Just as well, Drew thought. More talk would only make things worse and he supposed it was a good sign that she was willing to ride back to the city with him. She was right about everything. It was long past time for him to man up.
He settled himself on the bike and a moment later the motor roared to life. It wasn’t until they were underway that Kate reluctantly wrapped her arms around him, but her body wasn’t pressed against his the way it had been on the ride up. The physical separation tore up his insides and he vowed to do whatever it took to make things right between them. He loved her too much to ever let her go.
CHAPTER 24
“I hate to say it, but now what? It seems that you and Drew are always in the midst of some crisis,” Liz said before taking a sip of her martini. “I’m not easily shocked, but this? It’s the stuff of novels or — and I should know — soap operas.”

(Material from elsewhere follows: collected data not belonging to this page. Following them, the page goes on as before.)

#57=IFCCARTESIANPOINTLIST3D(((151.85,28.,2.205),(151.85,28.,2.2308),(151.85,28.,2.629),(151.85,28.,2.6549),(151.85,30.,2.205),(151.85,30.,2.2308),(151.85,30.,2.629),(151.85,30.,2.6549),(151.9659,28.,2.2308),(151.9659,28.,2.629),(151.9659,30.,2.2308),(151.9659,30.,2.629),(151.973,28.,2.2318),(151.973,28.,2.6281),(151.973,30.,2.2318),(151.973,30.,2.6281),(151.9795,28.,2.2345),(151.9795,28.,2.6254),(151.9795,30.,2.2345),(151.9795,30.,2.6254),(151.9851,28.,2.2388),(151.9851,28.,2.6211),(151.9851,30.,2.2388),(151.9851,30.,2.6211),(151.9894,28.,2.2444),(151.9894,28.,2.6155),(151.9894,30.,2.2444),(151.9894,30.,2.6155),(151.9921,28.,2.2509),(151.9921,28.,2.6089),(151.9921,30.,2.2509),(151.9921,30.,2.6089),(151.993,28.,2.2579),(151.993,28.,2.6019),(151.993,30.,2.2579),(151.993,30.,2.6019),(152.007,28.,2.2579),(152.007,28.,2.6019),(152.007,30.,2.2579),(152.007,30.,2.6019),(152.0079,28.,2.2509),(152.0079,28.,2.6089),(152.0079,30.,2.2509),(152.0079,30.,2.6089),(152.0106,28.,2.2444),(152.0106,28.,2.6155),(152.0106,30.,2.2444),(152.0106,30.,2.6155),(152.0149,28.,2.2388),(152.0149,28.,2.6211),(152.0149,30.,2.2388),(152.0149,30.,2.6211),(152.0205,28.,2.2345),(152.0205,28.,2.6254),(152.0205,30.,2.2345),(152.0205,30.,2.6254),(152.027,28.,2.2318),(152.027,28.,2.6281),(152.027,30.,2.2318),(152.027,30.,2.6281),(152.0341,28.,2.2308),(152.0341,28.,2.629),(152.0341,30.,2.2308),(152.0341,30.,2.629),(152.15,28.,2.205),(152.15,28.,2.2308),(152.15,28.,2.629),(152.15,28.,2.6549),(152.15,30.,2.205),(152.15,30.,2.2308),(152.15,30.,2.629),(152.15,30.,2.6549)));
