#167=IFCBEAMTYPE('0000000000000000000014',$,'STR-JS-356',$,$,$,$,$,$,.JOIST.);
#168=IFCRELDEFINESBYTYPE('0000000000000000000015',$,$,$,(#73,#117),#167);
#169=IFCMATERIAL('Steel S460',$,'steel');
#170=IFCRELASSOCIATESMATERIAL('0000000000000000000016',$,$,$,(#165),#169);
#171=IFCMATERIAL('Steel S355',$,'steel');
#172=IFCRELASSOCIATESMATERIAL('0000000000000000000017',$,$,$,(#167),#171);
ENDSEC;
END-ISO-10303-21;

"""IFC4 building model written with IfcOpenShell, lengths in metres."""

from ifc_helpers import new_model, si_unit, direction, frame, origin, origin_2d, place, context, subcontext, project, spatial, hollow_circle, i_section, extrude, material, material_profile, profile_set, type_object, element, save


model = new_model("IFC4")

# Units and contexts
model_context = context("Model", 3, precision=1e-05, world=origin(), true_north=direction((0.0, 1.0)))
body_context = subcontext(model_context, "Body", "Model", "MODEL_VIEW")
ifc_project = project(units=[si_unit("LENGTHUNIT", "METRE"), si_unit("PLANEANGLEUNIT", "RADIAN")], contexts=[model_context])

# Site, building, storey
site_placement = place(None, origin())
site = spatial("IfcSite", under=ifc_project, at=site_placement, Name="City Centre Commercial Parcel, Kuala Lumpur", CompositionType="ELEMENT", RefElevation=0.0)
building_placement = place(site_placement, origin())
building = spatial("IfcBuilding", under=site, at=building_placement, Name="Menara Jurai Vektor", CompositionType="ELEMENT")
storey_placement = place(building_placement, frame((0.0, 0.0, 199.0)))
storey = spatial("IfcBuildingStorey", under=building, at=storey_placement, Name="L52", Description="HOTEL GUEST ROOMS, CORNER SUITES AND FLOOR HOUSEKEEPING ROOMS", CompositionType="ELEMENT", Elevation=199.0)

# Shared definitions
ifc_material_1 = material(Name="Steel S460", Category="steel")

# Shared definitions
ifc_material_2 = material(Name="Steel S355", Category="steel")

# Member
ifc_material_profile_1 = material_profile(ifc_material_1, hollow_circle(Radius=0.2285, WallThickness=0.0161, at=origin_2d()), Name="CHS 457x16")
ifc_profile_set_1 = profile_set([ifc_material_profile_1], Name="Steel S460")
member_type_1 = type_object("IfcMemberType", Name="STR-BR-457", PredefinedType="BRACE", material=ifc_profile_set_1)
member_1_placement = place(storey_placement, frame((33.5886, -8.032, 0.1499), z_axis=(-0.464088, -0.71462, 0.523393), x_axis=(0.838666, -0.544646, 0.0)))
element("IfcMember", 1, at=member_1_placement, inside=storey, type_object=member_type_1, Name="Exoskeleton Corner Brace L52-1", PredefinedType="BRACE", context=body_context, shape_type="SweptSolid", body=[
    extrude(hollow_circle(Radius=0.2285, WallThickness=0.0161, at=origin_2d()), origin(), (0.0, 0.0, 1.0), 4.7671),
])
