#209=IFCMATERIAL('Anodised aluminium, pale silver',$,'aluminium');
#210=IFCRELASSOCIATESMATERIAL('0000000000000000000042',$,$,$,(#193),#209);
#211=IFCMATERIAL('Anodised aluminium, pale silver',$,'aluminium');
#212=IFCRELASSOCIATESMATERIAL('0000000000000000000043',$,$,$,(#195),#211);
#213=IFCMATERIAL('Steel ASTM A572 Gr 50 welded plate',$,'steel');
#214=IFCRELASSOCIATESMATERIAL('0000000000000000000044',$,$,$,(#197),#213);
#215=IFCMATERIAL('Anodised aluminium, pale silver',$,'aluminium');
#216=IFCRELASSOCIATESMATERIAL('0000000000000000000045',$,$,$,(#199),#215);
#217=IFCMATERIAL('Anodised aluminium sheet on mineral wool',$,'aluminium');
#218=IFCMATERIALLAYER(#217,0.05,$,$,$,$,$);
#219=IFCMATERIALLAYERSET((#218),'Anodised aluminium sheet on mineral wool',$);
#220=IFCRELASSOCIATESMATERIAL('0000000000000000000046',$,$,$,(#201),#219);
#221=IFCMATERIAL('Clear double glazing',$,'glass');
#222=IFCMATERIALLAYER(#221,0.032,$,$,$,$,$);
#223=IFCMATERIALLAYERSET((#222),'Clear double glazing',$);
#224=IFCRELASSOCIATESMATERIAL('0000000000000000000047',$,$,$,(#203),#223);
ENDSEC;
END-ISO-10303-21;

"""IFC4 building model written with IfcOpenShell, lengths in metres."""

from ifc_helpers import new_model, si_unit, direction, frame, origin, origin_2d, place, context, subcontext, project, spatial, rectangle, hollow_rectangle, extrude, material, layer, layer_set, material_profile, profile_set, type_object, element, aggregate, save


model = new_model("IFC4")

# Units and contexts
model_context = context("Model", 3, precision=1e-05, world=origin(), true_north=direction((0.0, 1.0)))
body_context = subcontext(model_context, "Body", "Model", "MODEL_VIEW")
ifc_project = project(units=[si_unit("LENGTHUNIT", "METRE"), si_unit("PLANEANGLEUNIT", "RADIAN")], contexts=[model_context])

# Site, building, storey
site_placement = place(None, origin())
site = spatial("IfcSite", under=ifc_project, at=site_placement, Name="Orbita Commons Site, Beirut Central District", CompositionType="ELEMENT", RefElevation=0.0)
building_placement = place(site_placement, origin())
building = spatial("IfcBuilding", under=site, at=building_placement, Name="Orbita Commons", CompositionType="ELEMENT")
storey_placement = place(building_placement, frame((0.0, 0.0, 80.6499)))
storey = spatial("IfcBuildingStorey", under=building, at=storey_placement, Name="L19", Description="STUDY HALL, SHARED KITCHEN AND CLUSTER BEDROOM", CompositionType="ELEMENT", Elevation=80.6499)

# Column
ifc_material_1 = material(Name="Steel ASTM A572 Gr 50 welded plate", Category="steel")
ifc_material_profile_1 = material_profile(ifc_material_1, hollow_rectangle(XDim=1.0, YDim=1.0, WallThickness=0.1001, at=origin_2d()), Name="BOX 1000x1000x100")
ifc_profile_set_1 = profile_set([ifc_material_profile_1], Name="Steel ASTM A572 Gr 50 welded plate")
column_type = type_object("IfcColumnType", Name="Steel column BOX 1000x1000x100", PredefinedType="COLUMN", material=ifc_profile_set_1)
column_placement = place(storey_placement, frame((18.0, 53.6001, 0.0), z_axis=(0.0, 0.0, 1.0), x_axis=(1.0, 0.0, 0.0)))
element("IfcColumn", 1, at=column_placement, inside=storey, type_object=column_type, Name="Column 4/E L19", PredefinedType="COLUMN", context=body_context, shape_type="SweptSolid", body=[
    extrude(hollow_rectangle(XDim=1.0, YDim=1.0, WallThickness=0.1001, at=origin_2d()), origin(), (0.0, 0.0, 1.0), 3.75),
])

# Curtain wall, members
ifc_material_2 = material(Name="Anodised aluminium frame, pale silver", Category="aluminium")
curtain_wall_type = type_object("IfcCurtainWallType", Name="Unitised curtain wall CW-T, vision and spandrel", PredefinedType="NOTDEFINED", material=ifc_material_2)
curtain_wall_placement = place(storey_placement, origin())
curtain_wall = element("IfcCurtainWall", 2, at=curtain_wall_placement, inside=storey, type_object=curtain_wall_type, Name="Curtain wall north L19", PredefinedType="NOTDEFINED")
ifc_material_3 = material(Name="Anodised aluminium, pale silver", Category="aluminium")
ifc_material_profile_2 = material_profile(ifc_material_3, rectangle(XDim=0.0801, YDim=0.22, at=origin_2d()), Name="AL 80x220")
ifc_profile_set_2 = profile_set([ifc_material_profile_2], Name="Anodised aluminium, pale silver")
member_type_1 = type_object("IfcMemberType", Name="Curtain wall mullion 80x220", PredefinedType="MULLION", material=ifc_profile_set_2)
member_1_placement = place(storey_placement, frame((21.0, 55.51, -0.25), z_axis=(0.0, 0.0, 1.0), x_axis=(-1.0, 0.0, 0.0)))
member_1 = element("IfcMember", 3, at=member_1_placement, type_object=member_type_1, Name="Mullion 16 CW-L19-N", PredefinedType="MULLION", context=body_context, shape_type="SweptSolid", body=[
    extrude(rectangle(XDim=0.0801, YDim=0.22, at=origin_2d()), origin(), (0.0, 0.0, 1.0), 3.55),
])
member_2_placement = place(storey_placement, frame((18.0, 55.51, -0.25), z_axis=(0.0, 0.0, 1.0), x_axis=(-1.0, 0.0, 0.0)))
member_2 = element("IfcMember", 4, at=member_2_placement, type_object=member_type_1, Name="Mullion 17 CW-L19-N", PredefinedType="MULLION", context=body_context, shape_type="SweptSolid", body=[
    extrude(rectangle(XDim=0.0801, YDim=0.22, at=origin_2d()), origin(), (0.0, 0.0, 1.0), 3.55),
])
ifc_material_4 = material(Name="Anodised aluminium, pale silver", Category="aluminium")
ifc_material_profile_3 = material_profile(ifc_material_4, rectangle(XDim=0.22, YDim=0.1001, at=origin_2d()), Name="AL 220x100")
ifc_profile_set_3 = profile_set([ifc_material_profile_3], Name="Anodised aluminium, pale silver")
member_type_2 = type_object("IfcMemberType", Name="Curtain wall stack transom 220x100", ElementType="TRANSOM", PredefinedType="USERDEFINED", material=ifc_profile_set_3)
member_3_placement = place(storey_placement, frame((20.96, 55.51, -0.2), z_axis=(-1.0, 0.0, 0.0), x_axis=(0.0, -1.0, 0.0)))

It was two days since Kate had told Liz about the bombshell Drew had dropped on her. She hadn’t seen or heard from him since then, so he was taking her demand for space seriously. She should be glad that he respected her wishes, but she was disappointed that he wasn’t fighting harder for her. It made no sense, but who said she had to be logical?
The women sat at the bar of a busy downtown restaurant while they waited for a table. Kate gripped her glass tightly, but didn’t raise the drink to her lips. “It’s like we’re doing some kind of dance that’s two steps forward and then two steps back, although this time it feels more like one step forward and three steps back.”